Chap. 4 Problem 8 DNA polymerases synthesize DNA strands in a 5’ 3’ direction while moving 3’ 5’ relative to a template strand. While one strand (the leading strand) can be synthesized continuously as the replication fork advances, the other strand (the lagging strand) must be synthesized discontinuously in segments (Okazaki fragments) due to the polarity of DNA polymerase chain elongation. Synthesis of the lagging strand occurs from primers laid down on the template strand as it is exposed by movement of the fork. (See Fig. 4.30)

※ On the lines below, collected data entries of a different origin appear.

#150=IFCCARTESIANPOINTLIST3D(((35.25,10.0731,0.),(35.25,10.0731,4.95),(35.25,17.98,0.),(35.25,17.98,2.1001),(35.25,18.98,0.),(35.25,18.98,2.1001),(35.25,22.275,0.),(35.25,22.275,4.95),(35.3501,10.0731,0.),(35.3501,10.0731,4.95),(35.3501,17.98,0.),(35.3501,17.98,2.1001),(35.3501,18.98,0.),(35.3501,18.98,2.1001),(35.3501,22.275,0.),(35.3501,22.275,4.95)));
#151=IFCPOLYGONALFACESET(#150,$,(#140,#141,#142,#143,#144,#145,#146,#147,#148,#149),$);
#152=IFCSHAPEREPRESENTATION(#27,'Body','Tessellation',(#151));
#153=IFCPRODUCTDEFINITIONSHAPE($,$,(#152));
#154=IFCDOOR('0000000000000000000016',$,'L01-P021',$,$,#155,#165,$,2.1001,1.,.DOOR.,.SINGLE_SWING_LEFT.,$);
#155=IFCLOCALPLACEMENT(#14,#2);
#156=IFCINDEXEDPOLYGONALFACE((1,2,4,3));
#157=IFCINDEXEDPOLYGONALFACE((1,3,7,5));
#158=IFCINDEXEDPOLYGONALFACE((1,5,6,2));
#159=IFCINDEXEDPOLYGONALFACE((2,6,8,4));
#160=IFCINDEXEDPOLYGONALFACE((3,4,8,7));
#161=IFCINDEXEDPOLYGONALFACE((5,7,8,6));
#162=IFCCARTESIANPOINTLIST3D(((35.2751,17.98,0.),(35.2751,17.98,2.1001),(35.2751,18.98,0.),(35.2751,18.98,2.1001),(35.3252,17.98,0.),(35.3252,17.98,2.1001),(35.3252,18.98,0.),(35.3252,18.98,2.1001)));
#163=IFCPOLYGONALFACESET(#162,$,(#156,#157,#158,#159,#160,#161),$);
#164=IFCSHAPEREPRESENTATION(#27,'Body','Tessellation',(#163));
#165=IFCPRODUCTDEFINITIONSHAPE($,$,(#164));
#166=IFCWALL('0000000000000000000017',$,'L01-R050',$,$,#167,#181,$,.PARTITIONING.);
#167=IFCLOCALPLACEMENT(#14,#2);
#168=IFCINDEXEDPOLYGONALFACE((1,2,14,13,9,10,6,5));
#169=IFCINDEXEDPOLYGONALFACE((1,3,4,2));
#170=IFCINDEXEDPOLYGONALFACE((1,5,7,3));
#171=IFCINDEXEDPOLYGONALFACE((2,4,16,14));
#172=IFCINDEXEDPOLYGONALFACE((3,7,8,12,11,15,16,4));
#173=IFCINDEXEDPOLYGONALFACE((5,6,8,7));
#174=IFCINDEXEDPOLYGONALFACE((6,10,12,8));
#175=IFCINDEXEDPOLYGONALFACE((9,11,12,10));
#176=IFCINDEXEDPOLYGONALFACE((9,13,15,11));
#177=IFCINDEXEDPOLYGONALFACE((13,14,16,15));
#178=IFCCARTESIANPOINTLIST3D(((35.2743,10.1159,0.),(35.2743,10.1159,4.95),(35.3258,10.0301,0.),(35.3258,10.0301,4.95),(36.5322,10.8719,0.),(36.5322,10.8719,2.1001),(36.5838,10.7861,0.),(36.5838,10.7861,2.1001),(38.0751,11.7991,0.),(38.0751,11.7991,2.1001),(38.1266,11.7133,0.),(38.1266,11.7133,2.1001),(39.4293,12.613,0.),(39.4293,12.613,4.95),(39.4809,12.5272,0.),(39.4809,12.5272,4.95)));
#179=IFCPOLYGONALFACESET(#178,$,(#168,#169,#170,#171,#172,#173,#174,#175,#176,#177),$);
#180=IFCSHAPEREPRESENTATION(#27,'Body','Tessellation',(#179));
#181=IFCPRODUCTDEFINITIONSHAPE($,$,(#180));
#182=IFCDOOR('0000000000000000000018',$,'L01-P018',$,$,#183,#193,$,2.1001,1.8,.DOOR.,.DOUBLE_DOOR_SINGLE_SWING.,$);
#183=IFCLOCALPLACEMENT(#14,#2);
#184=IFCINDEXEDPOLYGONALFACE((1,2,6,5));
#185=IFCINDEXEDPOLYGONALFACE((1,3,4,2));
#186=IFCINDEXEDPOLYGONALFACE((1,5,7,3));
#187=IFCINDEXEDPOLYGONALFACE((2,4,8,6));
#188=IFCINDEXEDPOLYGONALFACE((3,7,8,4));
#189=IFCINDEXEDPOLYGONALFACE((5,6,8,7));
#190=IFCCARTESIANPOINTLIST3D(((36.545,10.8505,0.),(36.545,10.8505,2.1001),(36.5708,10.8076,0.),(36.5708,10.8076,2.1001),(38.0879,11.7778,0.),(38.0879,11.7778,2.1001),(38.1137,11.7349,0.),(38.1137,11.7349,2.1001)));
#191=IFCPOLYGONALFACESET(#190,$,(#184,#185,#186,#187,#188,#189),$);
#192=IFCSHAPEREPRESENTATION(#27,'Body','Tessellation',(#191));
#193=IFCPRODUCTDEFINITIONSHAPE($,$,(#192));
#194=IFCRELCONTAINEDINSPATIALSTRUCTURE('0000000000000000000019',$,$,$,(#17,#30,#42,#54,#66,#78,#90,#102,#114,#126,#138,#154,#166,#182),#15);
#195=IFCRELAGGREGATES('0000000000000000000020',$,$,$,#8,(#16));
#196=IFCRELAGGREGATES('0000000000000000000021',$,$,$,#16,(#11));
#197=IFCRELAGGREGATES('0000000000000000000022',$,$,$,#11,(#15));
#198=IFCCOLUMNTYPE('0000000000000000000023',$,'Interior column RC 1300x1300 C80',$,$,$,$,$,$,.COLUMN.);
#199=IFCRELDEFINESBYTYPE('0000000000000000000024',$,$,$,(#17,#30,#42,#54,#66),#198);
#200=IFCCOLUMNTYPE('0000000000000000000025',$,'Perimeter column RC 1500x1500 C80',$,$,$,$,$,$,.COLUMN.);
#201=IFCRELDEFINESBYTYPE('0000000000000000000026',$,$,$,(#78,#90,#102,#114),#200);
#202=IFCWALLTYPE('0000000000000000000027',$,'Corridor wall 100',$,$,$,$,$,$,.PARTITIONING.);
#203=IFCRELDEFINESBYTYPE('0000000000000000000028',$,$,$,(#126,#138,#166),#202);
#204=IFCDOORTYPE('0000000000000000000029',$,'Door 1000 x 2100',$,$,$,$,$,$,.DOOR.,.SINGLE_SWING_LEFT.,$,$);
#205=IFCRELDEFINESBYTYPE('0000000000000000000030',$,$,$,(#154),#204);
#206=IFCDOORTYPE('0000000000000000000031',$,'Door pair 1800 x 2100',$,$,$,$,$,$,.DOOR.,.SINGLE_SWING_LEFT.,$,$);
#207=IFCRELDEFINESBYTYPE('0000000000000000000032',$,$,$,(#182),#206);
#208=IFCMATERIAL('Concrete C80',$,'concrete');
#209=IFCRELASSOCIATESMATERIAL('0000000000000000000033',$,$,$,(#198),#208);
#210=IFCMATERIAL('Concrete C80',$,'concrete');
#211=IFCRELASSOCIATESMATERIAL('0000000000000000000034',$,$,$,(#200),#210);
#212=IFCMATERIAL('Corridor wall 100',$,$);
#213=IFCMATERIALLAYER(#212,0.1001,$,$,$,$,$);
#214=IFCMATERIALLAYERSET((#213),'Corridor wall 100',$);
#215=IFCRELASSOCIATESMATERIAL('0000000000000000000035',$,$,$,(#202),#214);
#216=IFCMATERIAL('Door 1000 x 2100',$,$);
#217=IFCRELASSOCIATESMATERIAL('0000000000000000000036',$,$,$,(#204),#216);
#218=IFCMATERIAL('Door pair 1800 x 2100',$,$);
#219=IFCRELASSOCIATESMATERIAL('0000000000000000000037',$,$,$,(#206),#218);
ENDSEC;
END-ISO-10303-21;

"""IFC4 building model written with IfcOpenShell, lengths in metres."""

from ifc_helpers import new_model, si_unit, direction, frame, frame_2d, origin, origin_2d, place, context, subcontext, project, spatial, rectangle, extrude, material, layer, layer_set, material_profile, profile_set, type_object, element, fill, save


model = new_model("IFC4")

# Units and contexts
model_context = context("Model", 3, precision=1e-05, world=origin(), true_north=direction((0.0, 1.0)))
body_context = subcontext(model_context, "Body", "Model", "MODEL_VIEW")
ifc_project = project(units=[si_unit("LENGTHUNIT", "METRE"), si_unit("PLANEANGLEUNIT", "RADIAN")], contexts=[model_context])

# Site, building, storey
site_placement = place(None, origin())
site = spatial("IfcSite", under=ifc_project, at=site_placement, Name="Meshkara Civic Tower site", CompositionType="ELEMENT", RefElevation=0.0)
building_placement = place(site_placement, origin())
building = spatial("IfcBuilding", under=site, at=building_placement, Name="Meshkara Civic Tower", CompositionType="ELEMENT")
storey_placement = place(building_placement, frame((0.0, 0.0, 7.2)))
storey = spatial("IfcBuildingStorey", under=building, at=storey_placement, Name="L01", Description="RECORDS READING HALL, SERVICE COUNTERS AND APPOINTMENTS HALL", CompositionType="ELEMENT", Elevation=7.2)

Chap. 4 Problem 15 If DNA were unwound by helicases for replication, but stabilizing ssDNA binding proteins such as RPA were mutated and could not bind to the ssDNA, then replication would cease due to reformation of dsDNA. If a mRNA molecule formed a hairpin loop on itself at the AUG start site, then the AUG start codon could not be located by the ribosomal initiation complex. Translation of the mRNA would be blocked. If a cell were unable to produce functional tRNAiMet, then translation of most mRNAs would be blocked at the initiation step. tRNAiMet is the only tRNA that can be used to initiate translation.